Motivi della decisione
L'impugnazione
del pubblico ministero investe esclusivamente la pronuncia di assoluzione dal
reato di cui all'art. 674 cod. pen.
In
via preliminare può osservarsi come i motivi di ricorso siano in realtà
irrilevanti.
La
sentenza impugnata ha infatti esattamente messo in evidenza che agli imputati
era stato espressamente contestato lo specifico fatto di avere provocato le
emissioni maleodoranti atte ad offendere o molestare le persone «in caso non
consentito dalla legge» e precisamente per «inosservanza di specifiche
prescrizioni contenute o richiamate nella detta autorizzazione, in particolare
quella della messa in esercizio a completa operatività della rete di captazione
e della torcia di combustione del biogas entro 24 mesi dall'inizio del
conferimento dei rifiuti, e così entro l'agosto 2000 (il che, invece, non
avveniva che circa 14 mesi più tardi e cioè solo nella seconda metà
dell'ottobre 2001, e inoltre, ancora a tal momento, non essendo stata la rete di
captazione completata e collegata interamente alla torcia di combustione)».
Del
tutto correttamente, quindi, il giudice ha ritenuto che il pubblico ministero
aveva contestato agli imputati non una generica emissione di sostanze
maleodoranti in violazione del principio del neminem laedere, bensì
un'emissione da ritenersi illegittima unicamente perché effettuata in
violazione delle prescrizioni che sarebbero state contenute nella autorizzazione
provinciale, ossia dopo l’inutile decorso del termine fissato per la messa in
funzione della rete di captazione e della torcia di combustione.

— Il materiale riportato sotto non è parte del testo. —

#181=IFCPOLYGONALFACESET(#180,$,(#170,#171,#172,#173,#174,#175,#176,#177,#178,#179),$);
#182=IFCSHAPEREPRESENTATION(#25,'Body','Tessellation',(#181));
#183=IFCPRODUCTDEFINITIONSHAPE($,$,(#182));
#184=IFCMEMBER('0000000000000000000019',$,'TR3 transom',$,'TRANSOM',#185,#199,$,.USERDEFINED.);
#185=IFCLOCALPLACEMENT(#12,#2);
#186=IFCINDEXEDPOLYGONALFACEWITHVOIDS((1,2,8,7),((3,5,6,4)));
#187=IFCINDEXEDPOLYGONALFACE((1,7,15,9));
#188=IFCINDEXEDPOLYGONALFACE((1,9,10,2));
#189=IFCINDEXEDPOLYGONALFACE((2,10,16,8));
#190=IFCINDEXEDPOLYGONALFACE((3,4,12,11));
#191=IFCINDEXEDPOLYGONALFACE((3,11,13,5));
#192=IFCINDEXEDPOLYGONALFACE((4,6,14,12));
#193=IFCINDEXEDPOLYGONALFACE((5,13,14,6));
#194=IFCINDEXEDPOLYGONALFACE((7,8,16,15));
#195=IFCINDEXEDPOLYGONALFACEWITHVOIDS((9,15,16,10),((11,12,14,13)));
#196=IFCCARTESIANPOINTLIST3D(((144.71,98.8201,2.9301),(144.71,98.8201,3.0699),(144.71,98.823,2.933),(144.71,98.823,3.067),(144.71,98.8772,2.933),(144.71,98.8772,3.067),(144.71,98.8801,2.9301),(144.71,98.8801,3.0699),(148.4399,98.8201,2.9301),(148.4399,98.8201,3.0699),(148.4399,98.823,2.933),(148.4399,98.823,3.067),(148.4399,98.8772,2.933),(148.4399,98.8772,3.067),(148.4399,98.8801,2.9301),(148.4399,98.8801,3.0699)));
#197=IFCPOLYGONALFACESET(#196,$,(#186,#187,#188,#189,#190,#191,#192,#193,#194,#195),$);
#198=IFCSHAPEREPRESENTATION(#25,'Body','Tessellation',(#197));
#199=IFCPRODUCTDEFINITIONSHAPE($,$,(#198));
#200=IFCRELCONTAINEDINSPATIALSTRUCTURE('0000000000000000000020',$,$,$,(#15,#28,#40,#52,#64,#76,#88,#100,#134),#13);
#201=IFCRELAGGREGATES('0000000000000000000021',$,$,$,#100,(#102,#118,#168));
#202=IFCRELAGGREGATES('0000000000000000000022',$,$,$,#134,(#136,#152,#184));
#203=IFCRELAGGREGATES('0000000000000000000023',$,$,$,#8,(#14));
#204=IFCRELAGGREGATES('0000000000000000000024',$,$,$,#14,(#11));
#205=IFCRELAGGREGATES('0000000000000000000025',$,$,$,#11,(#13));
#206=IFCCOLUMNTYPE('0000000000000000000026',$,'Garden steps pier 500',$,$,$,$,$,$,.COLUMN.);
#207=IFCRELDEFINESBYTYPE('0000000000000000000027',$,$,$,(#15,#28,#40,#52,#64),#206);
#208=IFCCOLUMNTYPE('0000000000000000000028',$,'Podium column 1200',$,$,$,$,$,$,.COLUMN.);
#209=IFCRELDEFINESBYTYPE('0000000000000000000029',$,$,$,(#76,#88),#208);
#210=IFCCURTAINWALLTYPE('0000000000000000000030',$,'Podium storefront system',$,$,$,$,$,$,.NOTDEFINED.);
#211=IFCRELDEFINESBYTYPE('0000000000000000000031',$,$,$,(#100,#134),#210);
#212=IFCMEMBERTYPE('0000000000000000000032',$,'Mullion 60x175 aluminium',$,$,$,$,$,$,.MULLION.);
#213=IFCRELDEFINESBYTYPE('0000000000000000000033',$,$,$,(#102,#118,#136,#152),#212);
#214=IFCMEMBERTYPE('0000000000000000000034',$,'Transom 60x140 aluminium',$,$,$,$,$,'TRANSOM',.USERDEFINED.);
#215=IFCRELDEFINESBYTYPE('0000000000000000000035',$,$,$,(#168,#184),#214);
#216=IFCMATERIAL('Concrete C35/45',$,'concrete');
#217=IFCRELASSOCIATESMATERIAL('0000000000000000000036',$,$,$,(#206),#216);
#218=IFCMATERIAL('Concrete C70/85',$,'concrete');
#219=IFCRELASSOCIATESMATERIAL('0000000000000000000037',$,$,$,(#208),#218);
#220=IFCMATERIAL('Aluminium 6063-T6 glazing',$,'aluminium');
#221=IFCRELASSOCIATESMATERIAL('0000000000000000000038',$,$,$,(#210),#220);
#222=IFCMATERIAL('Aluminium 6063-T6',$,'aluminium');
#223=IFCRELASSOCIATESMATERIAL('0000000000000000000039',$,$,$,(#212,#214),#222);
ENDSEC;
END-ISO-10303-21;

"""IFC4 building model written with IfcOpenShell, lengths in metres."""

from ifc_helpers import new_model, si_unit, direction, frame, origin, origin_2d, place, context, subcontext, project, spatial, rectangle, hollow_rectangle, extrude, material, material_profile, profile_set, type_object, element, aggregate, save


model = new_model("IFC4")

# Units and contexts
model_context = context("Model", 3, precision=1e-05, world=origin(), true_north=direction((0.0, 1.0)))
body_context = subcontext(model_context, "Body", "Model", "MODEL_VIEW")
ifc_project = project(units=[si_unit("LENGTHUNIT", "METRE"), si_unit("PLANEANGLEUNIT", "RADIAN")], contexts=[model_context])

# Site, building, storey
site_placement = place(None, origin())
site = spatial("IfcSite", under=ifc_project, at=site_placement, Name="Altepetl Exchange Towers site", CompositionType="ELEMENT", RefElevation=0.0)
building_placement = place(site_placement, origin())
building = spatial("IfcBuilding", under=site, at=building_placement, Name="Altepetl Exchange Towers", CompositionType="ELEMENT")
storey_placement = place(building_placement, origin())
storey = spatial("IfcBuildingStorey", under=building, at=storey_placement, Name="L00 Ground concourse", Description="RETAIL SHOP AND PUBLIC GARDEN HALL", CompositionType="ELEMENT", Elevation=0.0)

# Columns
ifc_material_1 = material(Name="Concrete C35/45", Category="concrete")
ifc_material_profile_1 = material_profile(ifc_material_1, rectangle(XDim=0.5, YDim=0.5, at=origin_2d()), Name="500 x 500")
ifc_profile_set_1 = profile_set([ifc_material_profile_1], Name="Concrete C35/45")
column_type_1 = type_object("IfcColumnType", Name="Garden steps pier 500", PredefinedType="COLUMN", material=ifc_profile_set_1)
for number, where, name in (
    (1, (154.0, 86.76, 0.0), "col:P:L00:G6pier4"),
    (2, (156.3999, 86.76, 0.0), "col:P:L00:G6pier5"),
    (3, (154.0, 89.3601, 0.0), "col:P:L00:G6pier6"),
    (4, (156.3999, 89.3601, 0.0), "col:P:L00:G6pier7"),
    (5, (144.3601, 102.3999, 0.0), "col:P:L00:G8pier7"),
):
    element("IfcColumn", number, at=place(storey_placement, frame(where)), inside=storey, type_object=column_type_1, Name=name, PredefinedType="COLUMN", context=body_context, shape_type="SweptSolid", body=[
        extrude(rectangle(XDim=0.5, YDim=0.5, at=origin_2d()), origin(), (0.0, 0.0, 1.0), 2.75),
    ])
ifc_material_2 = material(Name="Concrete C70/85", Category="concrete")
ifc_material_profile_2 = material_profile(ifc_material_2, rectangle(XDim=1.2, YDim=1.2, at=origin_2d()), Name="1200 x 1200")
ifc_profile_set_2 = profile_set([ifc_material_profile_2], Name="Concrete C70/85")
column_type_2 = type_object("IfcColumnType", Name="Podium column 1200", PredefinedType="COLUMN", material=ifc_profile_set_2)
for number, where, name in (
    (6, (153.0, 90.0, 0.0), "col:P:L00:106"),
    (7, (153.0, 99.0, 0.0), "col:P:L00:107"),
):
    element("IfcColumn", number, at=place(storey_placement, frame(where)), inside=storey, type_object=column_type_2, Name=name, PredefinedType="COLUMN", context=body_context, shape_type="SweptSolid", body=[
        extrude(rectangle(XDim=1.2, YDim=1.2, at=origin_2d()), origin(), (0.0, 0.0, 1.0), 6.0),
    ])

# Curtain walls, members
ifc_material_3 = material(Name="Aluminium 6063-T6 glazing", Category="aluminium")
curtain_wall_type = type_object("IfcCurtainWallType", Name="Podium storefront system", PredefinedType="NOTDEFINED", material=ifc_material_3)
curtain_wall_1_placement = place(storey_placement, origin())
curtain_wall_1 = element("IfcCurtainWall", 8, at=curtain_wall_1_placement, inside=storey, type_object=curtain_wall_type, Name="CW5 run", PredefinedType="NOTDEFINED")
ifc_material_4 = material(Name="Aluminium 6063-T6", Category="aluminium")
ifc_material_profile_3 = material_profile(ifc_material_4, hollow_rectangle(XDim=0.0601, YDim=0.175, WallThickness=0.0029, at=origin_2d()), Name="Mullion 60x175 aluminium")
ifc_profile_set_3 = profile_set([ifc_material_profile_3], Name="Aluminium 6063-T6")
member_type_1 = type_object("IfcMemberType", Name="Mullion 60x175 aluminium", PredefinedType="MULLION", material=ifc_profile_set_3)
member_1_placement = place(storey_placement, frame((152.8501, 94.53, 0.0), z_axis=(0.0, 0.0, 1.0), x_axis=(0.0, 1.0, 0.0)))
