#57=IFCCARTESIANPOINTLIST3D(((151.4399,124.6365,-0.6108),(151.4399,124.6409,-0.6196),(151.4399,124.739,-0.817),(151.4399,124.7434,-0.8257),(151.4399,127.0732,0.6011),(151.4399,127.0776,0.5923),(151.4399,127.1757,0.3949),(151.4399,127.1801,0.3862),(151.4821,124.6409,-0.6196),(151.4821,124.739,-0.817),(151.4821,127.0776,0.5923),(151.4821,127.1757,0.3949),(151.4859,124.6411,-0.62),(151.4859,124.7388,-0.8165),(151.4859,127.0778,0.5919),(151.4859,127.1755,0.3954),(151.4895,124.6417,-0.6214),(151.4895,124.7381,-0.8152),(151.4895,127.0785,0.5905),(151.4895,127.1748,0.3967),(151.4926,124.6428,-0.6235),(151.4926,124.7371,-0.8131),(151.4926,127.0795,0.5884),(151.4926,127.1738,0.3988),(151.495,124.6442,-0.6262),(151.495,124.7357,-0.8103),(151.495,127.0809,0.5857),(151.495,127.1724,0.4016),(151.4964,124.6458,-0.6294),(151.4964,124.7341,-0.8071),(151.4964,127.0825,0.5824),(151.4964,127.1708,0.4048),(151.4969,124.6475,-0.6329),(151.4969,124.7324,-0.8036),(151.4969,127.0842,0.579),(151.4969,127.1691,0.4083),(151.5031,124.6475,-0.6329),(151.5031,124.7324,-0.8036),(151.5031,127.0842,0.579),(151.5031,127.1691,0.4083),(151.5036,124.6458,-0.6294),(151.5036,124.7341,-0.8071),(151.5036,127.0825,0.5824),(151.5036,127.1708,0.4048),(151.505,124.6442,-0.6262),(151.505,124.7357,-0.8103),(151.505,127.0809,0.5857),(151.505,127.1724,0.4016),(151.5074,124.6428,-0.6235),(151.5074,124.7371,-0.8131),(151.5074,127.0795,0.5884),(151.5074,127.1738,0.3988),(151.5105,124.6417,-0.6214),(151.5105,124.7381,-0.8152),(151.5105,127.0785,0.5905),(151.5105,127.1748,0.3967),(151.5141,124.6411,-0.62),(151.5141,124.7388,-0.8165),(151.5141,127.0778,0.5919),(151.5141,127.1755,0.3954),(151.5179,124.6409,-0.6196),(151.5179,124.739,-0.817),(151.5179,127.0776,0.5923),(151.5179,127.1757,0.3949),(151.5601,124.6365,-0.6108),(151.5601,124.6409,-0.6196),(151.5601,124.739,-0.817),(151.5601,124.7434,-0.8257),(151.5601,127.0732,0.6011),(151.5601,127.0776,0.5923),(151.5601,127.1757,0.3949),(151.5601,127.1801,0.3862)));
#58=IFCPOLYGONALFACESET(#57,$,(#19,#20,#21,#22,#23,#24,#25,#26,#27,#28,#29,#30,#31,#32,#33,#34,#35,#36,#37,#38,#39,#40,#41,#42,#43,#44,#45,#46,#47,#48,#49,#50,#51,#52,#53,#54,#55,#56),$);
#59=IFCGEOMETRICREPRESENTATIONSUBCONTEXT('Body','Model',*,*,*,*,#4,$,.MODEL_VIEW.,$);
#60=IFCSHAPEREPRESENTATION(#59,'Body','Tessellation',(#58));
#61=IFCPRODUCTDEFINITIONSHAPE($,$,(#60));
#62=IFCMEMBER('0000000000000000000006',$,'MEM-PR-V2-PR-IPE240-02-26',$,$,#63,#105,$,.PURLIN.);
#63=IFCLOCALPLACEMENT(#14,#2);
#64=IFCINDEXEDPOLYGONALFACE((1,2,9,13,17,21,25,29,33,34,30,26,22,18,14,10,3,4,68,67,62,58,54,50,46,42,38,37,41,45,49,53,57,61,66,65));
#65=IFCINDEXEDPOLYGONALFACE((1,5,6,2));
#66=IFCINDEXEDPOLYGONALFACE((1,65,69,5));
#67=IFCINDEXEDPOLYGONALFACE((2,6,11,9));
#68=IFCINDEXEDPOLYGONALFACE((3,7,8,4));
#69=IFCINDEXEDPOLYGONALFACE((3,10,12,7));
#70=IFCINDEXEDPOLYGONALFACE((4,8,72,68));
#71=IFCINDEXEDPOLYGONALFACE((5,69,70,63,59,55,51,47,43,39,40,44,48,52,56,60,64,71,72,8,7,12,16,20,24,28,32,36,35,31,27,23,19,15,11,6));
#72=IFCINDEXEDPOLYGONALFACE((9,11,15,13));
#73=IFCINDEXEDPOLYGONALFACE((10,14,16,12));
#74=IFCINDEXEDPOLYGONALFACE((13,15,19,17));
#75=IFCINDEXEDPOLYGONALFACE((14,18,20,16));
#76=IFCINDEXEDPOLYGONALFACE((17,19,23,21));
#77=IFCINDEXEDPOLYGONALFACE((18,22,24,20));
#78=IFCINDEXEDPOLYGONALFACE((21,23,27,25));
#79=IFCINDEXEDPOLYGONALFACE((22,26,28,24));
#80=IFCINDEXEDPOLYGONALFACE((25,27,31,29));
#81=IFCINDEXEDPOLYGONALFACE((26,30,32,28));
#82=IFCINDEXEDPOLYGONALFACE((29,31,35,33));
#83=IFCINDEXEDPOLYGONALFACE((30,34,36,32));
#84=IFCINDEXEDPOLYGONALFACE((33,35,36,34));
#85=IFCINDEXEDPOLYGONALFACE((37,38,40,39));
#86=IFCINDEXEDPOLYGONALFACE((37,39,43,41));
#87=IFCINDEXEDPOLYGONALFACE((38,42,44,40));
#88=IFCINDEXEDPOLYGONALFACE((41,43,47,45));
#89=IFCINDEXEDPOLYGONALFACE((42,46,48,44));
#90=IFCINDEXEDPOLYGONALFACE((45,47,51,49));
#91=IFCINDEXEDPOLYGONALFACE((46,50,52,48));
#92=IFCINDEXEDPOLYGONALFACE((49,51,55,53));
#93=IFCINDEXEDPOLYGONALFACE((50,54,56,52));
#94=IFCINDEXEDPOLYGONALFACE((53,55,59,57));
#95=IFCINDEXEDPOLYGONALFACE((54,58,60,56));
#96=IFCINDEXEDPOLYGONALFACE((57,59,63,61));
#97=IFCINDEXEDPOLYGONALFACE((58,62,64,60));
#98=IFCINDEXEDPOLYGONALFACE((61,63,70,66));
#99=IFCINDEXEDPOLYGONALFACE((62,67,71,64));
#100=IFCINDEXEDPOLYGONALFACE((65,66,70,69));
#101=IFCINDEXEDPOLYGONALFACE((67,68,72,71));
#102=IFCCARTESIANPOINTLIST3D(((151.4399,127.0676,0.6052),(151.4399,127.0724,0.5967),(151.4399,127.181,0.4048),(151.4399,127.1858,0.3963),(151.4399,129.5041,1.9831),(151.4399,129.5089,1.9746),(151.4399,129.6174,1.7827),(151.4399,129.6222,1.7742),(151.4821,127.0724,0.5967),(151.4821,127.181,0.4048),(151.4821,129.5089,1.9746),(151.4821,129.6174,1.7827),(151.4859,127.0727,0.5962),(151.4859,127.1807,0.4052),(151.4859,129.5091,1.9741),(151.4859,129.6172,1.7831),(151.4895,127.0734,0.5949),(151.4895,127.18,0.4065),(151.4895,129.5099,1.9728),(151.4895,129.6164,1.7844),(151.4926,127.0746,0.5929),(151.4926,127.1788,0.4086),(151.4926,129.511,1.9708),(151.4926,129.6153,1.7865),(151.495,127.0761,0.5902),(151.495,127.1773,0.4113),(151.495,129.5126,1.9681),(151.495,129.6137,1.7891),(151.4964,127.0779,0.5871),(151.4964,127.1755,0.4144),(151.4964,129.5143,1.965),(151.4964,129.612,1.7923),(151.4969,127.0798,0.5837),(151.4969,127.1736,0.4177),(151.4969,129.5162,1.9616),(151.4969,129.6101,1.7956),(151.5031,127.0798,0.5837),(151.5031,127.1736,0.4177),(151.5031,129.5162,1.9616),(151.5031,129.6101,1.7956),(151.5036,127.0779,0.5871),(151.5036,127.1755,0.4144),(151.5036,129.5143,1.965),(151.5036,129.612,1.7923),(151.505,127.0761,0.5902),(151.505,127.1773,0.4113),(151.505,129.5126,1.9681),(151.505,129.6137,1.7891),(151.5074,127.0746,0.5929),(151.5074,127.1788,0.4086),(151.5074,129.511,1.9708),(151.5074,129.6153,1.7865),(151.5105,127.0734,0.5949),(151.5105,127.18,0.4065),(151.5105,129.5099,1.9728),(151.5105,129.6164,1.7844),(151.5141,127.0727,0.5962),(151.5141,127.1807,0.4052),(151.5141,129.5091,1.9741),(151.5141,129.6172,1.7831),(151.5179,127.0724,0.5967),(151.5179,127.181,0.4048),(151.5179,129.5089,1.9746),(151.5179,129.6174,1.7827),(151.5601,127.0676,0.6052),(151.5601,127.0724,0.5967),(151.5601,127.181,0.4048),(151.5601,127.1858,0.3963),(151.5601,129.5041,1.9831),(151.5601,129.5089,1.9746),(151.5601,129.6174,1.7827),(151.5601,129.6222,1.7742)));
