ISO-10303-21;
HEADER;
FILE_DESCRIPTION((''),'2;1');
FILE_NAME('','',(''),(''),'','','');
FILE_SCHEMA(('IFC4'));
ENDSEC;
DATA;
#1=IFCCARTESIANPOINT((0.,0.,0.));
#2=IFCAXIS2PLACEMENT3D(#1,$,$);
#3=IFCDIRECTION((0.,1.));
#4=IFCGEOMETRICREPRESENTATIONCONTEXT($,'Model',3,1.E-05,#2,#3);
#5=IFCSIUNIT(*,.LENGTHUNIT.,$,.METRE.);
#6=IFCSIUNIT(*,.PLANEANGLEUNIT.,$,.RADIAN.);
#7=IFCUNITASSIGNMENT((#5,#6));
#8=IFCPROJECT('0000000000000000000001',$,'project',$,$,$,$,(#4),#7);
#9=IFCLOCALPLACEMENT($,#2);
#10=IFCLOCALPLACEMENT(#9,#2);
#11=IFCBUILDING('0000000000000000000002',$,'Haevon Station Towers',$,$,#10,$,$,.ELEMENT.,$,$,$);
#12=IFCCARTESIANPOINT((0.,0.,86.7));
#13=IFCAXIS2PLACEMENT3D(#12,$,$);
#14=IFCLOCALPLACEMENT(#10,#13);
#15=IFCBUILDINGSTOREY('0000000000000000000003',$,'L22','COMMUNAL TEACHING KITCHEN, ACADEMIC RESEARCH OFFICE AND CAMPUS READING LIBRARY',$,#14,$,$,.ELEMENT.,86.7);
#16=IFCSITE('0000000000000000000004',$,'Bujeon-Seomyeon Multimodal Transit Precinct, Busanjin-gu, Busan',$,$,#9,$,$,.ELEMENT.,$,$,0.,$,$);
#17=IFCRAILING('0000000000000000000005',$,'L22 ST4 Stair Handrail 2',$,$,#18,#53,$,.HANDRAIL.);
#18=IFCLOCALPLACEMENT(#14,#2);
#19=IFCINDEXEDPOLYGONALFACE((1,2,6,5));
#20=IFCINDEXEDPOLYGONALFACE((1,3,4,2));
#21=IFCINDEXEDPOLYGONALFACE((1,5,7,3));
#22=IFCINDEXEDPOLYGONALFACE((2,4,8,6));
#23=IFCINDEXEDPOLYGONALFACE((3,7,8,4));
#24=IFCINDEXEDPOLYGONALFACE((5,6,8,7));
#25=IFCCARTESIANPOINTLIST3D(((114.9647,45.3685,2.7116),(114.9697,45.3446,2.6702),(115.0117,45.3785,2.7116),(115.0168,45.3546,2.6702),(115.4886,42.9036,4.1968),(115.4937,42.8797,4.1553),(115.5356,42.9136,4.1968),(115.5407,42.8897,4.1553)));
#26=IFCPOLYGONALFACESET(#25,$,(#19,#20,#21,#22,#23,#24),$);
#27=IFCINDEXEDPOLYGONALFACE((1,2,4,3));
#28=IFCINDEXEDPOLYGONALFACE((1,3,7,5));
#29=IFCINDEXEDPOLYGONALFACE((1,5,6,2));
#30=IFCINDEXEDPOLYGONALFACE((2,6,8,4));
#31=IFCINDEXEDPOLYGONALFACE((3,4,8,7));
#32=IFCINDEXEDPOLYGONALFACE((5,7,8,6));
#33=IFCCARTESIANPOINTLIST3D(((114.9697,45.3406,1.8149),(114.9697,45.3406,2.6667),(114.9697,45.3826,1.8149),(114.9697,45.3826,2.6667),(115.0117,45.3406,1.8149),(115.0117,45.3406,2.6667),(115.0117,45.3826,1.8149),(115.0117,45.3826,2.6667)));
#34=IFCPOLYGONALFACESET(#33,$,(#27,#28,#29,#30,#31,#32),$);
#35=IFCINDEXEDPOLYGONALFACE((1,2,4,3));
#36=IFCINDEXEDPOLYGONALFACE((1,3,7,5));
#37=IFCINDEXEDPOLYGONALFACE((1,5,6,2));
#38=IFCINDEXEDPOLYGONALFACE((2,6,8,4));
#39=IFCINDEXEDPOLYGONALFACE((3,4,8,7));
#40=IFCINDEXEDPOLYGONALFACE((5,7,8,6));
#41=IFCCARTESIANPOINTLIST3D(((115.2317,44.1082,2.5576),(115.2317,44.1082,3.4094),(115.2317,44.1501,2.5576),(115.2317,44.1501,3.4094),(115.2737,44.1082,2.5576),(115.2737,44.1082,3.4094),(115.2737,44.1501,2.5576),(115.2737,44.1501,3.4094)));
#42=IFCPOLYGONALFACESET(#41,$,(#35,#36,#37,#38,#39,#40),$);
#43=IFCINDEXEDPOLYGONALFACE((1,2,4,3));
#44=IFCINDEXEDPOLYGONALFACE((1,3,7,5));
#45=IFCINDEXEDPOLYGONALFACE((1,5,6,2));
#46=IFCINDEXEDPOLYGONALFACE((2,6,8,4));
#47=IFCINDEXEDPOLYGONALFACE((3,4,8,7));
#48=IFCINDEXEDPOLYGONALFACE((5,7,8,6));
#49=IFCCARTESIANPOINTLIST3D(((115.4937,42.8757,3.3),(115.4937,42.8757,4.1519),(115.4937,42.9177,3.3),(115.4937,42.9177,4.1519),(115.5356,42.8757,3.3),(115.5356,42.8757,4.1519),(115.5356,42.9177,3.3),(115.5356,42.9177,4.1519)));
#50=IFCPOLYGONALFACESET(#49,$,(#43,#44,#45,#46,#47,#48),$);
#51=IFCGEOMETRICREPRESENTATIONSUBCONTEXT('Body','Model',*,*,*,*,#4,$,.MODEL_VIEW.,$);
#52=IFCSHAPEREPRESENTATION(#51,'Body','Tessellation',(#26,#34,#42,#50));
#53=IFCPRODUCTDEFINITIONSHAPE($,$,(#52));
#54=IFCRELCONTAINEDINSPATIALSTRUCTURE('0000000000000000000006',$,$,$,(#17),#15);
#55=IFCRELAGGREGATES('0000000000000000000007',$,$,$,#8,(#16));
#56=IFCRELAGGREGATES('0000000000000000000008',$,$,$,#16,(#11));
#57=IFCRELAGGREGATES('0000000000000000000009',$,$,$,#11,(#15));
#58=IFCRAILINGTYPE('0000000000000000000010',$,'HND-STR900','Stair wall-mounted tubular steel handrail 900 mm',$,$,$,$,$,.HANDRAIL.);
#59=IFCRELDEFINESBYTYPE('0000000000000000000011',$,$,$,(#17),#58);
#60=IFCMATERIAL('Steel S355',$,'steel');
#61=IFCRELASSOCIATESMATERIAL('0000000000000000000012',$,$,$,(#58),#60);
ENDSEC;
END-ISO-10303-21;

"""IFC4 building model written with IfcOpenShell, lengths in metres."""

from ifc_helpers import new_model, si_unit, direction, frame, origin, origin_2d, place, context, subcontext, project, spatial, rectangle, extrude, material, type_object, element, save


model = new_model("IFC4")

# Units and contexts
model_context = context("Model", 3, precision=1e-05, world=origin(), true_north=direction((0.0, 1.0)))
body_context = subcontext(model_context, "Body", "Model", "MODEL_VIEW")
ifc_project = project(units=[si_unit("LENGTHUNIT", "METRE"), si_unit("PLANEANGLEUNIT", "RADIAN")], contexts=[model_context])

# Site, building, storey
site_placement = place(None, origin())
site = spatial("IfcSite", under=ifc_project, at=site_placement, Name="Bujeon-Seomyeon Multimodal Transit Precinct, Busanjin-gu, Busan", CompositionType="ELEMENT", RefElevation=0.0)
building_placement = place(site_placement, origin())
building = spatial("IfcBuilding", under=site, at=building_placement, Name="Haevon Station Towers", CompositionType="ELEMENT")
storey_placement = place(building_placement, frame((0.0, 0.0, 86.7)))
storey = spatial("IfcBuildingStorey", under=building, at=storey_placement, Name="L22", Description="COMMUNAL TEACHING KITCHEN, ACADEMIC RESEARCH OFFICE AND CAMPUS READING LIBRARY", CompositionType="ELEMENT", Elevation=86.7)

# Shared definitions
ifc_material_1 = material(Name="Steel S355", Category="steel")

# Railing
railing_type_1 = type_object("IfcRailingType", Name="HND-STR900", Description="Stair wall-mounted tubular steel handrail 900 mm", PredefinedType="HANDRAIL", material=ifc_material_1)
railing_1_placement = place(storey_placement, frame((114.9907, 45.3616, 1.8149)))
element("IfcRailing", 1, at=railing_1_placement, inside=storey, type_object=railing_type_1, Name="L22 ST4 Stair Handrail 2", PredefinedType="HANDRAIL", context=body_context, shape_type="SweptSolid", body=[
    extrude(rectangle(XDim=0.0481, YDim=0.0481, at=origin_2d()), frame((0.0, 0.0, 0.876), z_axis=(0.179121, -0.842688, 0.507733), x_axis=(0.978147, 0.207914, 0.0)), (0.0, 0.0, 1.0), 2.925),
    extrude(rectangle(XDim=0.042, YDim=0.042, at=origin_2d()), origin(), (0.0, 0.0, 1.0), 0.8518),
    extrude(rectangle(XDim=0.042, YDim=0.042, at=origin_2d()), frame((0.262, -1.2324, 0.7427)), (0.0, 0.0, 1.0), 0.8518),
    extrude(rectangle(XDim=0.042, YDim=0.042, at=origin_2d()), frame((0.5239, -2.4648, 1.4851)), (0.0, 0.0, 1.0), 0.8518),
])

save(model, "model.ifc")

Se così non
fosse, d'altra parte, non avrebbe avuto alcun senso lo specifico e dettagliato
richiamo nel capo di imputazione alle prescrizioni dell'autorizzazione
asseritamente violate ed anzi la contestazione risulterebbe intrinsecamente
contraddittoria.
In
modo ineccepibile, pertanto, il giudice a quo, una volta accertato che
l'autorizzazione provinciale non conteneva affatto queste prescrizioni e che
quindi non vi era stata alcuna violazione delle stesse, ha ritenuto che veniva
automaticamente meno anche il presupposto - appunto l'inosservanza delle
presunte prescrizioni - per la configurabilità del reato così come
concretamente contestato dal pubblico ministero.
In
ogni modo, anche a voler prescindere da questa considerazione preliminare ed in
sé assorbente, va rilevato che i motivi di ricorso sono infondati perchè si
basano su un'interpretazione dell’art. 674 cod. pen. che. pur se seguita in
passato, è stata ormai da tempo superata dalla più recente giurisprudenza di
questa Corte, che il Collegio condivide e ritiene quindi di dover confermare.
Secondo
questo più recente orientamento, invero, ai fini della configurabilità del
reato previsto dalla seconda parte dell’art. 674 cod. pen. (emissione di gas,
vapori o fumi atti a molestare le persone), l'espressione «nei casi non
consentiti dalla legge» costituisce una precisa indicazione circa la necessità
che tale emissione avvenga in violazione delle norme che regolano l'inquinamento
atmosferico. Ne consegue che, poiché la legge contiene una sorta di presunzione
di legittimità delle emissioni di fumi, vapori o gas che non superino la soglia
fissata dalle leggi speciali in materia, ai fini dell’affermazione di
responsabilità per il reato indicato non basta l'affermazione che le emissioni
stesse siano astrattamente idonee ad arrecare fastidio, ma è indispensabile la
puntuale e specifica dimostrazione che esse superino i parametri fissati dalla
legge, mentre quando, pur essendo le emissioni contenute nei limiti di legge,
abbiano arrecato e arrechino concretamente fastidio alle persone, superando la
normale tollerabilità, si applicheranno le norme di carattere civilistico
contenute nell'art. 844 cod. civ. (cfr. Sez. I,16 giugno 2000, Meo, n. 216.621;
Sez. I, 24 ottobre 2001, Tulipano, n. 220.678; Sez. III, 23 gennaio 2004,
Pannone, n. 228.010; Sez. III, 19 marzo 2004, n. 16728, Parodi; Sez. I, 20
maggio 2004, Invemizzi, n. 229.170; nonché Sez. I, 12 marzo 2002, Pagano, n.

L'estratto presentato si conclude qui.